Identify the limiting reactant and calculate the mass of sodium thiocarbonate

Since fewer moles of \(\mathrm{Na}_{2}\mathrm{CS}_{3}\) can be formed from \(\mathrm{NaOH}\), NaOH is the limiting reactant. We calculate the mass of \(\mathrm{Na}_{2}\mathrm{CS}_{3}\) that can be formed from this amount of \(\mathrm{NaOH}\) using this formula: \[ \text{Mass} = \text{Moles} * \text{Molar mass} \]. The molar mass of \(\mathrm{Na}_{2}\mathrm{CS}_{3}\) is 158.11 g/mol. Substituting the given values, we derive that \( 0.926 \, \mathrm{mol} * 158.11 \, \mathrm{g/mol} = 146.34 \, \mathrm{g} \, \mathrm{Na}_{2}\mathrm{CS}_{3} \).

Perform check

To make sure everything has been calculated correctly, check the relation between the moles of \(\mathrm{NaOH}\) and the moles of \(\mathrm{CS}_{2}\). As seen from the chemical equation, the mole ratio \(\mathrm{NaOH} : \mathrm{CS}_{2}\) should be 6:3 or 2:1. The given moles of \(\mathrm{NaOH}\) is 2.78 mol, and the moles of \(\mathrm{CS}_{2}\) is 1.530 mol. These values do indeed respect the 2:1 ratio, so our answer is most likely correct.

Key concepts

Limiting reactant

In any chemical reaction, the limiting reactant is the substance that gets completely used up first. This reactant limits the amount of product that can be formed. In our exercise, we start with 92.5 mL of carbon disulfide ( CS_{2} ) and 2.78 mol of sodium hydroxide (NaOH).

To find which reactant is limiting, we must calculate how much product can be formed from each reactant based on the balanced equation. By compiling these calculations, it turns out that NaOH is the limiting reactant. This is because the amount of sodium thiocarbonate ( Na_{2}CS_{3} ) it forms is less compared to using all of CS_{2} .

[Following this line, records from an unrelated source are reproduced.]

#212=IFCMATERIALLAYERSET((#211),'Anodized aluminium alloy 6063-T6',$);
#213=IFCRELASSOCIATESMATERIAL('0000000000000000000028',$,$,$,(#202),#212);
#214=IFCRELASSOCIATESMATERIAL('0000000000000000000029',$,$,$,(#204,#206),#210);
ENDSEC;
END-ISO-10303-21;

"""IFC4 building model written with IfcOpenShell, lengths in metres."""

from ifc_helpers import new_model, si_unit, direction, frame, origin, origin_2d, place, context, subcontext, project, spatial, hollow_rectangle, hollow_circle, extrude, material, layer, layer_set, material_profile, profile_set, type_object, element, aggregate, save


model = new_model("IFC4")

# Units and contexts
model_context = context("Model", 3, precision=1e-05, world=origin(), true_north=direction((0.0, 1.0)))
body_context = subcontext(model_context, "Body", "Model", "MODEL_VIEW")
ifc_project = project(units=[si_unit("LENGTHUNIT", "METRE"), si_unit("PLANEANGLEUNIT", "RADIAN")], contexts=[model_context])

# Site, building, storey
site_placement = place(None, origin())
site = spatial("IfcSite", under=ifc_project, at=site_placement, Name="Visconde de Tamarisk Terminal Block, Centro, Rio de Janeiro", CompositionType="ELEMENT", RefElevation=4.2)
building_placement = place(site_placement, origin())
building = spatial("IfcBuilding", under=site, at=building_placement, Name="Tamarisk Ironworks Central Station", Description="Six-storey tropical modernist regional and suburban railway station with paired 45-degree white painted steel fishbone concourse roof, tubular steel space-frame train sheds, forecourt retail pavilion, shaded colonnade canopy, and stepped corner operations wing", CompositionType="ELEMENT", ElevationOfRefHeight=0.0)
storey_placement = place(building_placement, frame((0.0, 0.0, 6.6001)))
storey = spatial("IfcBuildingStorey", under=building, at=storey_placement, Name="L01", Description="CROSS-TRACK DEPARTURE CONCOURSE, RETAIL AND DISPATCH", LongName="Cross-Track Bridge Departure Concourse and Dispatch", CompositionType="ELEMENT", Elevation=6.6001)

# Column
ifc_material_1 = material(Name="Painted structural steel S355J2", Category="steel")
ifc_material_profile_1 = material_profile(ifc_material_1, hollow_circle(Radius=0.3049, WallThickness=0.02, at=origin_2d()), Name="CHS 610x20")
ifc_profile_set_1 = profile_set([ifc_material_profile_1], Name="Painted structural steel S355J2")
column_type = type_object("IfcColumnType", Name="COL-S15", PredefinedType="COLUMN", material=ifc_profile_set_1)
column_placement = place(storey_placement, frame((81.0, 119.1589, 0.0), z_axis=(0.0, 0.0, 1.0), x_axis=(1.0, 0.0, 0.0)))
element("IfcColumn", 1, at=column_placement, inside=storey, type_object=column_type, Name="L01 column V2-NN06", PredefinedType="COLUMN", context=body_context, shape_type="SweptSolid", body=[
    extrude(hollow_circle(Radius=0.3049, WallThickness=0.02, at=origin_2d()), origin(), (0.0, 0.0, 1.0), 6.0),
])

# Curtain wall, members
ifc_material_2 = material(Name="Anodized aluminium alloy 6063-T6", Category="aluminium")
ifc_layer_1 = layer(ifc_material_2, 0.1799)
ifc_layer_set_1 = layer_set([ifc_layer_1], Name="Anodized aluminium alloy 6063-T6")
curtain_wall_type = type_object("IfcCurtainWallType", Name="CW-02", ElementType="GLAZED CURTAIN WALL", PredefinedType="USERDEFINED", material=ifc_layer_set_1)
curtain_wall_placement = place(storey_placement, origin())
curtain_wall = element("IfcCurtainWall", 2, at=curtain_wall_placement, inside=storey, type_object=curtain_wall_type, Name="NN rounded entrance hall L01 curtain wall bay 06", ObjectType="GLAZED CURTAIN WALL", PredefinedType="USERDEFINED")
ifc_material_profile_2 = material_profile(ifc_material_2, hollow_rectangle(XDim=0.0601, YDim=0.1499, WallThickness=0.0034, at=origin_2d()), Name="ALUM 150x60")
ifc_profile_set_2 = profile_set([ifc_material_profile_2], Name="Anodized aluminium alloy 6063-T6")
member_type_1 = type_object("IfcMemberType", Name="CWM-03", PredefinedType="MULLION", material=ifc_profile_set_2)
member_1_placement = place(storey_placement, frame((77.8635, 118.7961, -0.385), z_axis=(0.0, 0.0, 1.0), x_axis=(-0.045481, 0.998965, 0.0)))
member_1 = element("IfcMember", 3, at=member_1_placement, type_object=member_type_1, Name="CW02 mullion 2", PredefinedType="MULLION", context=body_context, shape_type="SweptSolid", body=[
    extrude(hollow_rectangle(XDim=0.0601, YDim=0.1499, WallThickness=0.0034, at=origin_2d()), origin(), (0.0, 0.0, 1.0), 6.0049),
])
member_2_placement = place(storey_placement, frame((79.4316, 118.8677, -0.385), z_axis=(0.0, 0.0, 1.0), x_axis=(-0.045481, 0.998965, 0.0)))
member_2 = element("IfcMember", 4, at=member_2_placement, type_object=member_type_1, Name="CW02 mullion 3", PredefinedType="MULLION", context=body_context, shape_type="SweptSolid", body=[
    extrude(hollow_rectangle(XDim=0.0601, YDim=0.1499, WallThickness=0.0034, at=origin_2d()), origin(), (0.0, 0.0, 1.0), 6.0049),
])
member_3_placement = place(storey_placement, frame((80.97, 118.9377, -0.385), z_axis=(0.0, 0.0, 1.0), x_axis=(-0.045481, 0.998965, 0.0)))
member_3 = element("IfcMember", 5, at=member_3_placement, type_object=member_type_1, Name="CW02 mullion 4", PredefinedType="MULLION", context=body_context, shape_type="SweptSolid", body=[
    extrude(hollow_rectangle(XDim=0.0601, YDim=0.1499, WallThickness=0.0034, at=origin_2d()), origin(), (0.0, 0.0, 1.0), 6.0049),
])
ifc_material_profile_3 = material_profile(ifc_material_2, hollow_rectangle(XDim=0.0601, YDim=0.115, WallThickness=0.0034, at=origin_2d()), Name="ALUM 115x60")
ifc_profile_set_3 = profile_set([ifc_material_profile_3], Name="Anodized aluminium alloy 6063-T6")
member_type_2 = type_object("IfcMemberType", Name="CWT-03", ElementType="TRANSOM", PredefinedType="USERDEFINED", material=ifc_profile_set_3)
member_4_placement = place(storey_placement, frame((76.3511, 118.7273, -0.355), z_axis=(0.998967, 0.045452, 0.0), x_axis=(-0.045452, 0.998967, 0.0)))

Knowing the limiting reactant is crucial in stoichiometry because it tells us exactly how much product we can produce. It also helps us understand which reactant is in excess, indicating that not all reactants will be completely used.

Mole ratios

Mole ratios are derived from the coefficients of a balanced chemical equation and tell us how much of one substance reacts with another. In the chemical equation for our problem, 3 moles of CS_{2} reacts with 6 moles of NaOH to give products, including 2 moles of Na_{2}CS_{3} .

This ratio is vital as it allows us to convert moles of one substance to moles of another using simple multiplication or division. For example:

• From the exercise, with 1.530 mol of CS_{2} , we can produce 1.020 mol of Na_{2}CS_{3} by using the ratio directly from the reaction.
• Similarly, with 2.78 mol of NaOH, only 0.926 mol of Na_{2}CS_{3} can be formed, showing up the discrepancies in theoretical production based on available reactants.

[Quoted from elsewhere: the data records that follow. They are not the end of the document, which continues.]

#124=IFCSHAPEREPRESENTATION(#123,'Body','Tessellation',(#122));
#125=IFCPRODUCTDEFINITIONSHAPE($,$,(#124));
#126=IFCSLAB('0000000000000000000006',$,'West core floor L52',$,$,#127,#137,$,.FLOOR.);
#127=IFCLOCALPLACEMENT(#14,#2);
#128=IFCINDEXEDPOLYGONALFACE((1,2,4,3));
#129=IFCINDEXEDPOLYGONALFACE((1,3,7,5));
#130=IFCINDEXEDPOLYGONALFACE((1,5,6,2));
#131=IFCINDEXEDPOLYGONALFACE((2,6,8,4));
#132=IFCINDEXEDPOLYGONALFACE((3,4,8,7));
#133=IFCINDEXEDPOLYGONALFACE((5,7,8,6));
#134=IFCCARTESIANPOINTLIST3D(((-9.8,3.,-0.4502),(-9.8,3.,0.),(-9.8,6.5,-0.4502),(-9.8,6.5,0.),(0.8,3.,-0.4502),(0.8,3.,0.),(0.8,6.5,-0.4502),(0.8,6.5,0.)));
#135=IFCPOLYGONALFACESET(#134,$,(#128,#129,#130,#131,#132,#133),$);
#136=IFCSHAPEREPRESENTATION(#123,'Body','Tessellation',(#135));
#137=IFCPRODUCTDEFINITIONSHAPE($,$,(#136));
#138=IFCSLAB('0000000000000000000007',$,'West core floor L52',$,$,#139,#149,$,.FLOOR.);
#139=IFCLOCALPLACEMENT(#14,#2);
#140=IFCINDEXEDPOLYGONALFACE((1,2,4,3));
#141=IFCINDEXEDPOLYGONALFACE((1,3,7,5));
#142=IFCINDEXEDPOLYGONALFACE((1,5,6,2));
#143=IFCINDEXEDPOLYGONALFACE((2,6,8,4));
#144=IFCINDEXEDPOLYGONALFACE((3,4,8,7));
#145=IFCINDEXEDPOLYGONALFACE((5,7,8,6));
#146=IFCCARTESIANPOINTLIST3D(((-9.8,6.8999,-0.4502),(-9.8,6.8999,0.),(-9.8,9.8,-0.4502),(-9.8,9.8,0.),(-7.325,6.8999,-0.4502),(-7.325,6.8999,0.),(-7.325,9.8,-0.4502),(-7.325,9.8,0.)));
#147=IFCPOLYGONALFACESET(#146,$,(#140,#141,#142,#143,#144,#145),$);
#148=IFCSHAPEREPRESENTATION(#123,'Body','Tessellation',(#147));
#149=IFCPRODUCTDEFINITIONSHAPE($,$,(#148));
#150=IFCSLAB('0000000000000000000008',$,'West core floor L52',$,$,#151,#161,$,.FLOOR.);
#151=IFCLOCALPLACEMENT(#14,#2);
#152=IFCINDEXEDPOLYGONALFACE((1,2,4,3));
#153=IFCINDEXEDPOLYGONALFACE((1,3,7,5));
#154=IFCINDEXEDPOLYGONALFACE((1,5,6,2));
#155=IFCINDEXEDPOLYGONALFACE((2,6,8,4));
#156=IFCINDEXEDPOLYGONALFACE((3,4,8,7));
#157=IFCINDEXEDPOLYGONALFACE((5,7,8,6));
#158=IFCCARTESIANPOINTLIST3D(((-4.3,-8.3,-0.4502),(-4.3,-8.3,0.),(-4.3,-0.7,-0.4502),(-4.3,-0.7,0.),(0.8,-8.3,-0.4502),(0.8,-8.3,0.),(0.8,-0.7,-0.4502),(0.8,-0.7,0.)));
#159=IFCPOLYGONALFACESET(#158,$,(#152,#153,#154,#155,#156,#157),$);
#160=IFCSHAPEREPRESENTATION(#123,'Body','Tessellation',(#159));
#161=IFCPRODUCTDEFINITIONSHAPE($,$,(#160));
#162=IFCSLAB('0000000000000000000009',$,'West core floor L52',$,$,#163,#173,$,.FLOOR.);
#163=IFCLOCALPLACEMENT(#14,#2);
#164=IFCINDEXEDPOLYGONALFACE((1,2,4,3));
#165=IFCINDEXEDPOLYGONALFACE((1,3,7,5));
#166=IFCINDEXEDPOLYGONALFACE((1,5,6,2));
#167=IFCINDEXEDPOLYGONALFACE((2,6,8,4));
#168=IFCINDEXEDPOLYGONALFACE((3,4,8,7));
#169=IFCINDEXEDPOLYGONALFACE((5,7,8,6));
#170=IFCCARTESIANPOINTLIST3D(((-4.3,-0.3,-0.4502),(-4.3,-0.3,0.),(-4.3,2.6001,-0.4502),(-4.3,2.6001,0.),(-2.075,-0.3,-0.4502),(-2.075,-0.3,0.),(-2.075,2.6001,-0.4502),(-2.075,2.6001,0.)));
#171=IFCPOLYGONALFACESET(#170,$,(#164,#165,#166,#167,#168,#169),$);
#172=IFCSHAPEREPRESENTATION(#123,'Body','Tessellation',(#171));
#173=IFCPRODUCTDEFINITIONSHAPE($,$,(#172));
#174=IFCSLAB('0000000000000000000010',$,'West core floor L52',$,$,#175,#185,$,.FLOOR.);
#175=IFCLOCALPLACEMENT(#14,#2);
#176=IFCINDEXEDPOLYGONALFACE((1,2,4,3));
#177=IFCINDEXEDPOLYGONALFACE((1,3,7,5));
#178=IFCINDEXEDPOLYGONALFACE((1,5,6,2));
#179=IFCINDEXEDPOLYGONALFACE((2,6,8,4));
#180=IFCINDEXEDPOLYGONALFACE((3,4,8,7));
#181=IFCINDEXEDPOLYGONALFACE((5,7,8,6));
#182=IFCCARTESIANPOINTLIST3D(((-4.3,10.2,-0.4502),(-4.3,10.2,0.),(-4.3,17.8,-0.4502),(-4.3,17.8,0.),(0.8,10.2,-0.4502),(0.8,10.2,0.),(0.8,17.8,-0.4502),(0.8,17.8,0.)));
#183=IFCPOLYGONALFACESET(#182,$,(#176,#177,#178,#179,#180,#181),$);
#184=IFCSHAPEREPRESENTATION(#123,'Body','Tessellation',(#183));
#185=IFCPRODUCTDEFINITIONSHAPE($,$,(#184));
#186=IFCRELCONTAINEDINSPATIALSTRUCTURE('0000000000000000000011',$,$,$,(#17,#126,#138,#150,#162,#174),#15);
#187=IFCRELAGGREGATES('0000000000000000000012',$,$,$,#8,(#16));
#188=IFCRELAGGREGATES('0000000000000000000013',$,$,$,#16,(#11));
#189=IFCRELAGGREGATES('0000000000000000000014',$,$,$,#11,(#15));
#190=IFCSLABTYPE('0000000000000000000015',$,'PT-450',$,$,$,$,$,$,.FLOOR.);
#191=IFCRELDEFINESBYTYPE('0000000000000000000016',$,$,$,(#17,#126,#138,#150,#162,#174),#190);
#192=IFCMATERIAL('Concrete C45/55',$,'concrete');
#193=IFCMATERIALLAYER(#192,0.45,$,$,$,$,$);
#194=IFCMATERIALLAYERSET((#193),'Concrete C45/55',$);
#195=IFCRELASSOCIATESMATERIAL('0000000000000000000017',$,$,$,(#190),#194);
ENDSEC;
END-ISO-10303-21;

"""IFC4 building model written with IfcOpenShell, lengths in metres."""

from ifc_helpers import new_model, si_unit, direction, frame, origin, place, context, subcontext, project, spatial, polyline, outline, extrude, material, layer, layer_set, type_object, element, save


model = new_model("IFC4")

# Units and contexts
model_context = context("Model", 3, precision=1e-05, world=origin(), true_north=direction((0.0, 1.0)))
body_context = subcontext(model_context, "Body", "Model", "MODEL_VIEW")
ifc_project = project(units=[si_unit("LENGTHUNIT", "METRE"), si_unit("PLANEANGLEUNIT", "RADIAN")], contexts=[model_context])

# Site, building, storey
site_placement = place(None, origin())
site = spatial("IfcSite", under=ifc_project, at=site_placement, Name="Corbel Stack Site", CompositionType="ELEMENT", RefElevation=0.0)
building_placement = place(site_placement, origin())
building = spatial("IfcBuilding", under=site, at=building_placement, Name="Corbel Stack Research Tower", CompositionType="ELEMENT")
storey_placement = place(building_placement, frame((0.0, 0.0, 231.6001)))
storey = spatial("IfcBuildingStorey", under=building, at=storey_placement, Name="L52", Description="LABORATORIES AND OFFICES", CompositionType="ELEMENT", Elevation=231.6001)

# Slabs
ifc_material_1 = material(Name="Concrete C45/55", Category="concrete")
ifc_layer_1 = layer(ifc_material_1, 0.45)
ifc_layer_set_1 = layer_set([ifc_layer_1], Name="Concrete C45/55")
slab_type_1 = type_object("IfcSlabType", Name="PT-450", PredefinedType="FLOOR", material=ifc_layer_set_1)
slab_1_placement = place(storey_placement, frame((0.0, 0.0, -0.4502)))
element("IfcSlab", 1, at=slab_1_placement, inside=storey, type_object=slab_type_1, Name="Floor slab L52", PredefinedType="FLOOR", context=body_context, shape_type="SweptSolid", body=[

This direct application of mole ratios ensures precise predictions of reactants and products in a reaction.

Chemical reactions

Chemical reactions involve the rearrangement of atoms to transform reactants into products. The balanced equation given in the exercise details the reaction between CS_{2} and NaOH producing Na_{2}CS_{3} , Na_{2}CO_{3} , and water.

A reliable balanced equation is key to solving stoichiometric problems:

• It ensures mass conservation, showing equal amounts of atoms for each element in both reactants and products.
• It provides exact ratios needed for mole calculations.

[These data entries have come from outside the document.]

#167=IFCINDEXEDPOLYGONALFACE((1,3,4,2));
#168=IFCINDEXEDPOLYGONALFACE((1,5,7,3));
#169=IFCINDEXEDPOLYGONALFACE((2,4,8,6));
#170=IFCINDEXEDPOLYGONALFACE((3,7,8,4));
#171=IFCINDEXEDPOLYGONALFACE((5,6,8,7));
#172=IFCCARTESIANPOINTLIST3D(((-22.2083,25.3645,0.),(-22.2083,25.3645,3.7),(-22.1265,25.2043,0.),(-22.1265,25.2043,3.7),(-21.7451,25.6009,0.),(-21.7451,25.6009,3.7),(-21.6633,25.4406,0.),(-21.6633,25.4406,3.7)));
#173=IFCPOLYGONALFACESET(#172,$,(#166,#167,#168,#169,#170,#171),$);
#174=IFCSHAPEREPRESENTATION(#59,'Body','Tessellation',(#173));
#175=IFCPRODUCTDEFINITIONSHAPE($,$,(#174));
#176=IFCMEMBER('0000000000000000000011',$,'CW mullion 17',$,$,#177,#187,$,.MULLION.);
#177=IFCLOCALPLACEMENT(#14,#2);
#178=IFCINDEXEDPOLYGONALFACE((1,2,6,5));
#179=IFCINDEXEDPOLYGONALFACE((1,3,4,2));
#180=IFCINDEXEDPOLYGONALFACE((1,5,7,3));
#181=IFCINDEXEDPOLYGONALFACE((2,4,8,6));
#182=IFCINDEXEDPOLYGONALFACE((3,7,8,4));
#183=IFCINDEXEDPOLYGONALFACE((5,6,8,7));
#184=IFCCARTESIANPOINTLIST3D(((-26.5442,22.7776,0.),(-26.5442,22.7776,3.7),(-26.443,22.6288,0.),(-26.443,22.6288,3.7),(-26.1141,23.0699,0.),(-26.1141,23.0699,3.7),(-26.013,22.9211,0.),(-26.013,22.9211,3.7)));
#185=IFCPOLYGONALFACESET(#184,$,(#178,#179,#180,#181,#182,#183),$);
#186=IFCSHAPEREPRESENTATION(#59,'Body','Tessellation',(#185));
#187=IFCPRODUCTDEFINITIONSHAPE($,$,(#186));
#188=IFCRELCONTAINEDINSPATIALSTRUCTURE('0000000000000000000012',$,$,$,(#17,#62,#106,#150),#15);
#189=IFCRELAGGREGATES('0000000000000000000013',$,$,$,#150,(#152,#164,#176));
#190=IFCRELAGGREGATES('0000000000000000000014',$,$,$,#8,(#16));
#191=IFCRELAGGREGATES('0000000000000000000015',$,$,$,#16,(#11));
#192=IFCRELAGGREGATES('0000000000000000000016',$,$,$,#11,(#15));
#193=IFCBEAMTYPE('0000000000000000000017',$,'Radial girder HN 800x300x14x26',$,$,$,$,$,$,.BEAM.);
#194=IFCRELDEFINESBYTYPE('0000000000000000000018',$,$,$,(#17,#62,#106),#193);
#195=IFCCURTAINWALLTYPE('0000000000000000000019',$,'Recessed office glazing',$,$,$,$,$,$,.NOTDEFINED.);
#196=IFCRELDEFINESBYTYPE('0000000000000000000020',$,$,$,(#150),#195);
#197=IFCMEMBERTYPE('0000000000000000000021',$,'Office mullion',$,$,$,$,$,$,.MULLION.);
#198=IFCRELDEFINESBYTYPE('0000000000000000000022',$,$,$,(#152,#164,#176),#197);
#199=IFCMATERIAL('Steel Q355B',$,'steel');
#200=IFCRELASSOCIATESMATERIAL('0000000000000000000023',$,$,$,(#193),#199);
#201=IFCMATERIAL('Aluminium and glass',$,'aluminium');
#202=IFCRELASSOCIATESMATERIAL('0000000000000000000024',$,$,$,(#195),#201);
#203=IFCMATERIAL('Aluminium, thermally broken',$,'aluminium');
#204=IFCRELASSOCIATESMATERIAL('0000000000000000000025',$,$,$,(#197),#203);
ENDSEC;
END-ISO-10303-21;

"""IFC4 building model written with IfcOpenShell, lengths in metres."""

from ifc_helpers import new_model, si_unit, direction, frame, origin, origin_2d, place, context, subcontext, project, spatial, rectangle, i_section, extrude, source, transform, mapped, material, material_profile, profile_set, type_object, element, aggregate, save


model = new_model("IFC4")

Understanding chemical reactions involves identifying the type of reaction taking place and using the provided details to carry out calculations like determining the limiting reactant or expected product quantities. This comprehensive understanding aids in practical applications, such as predicting outcomes of reactions in industrial settings.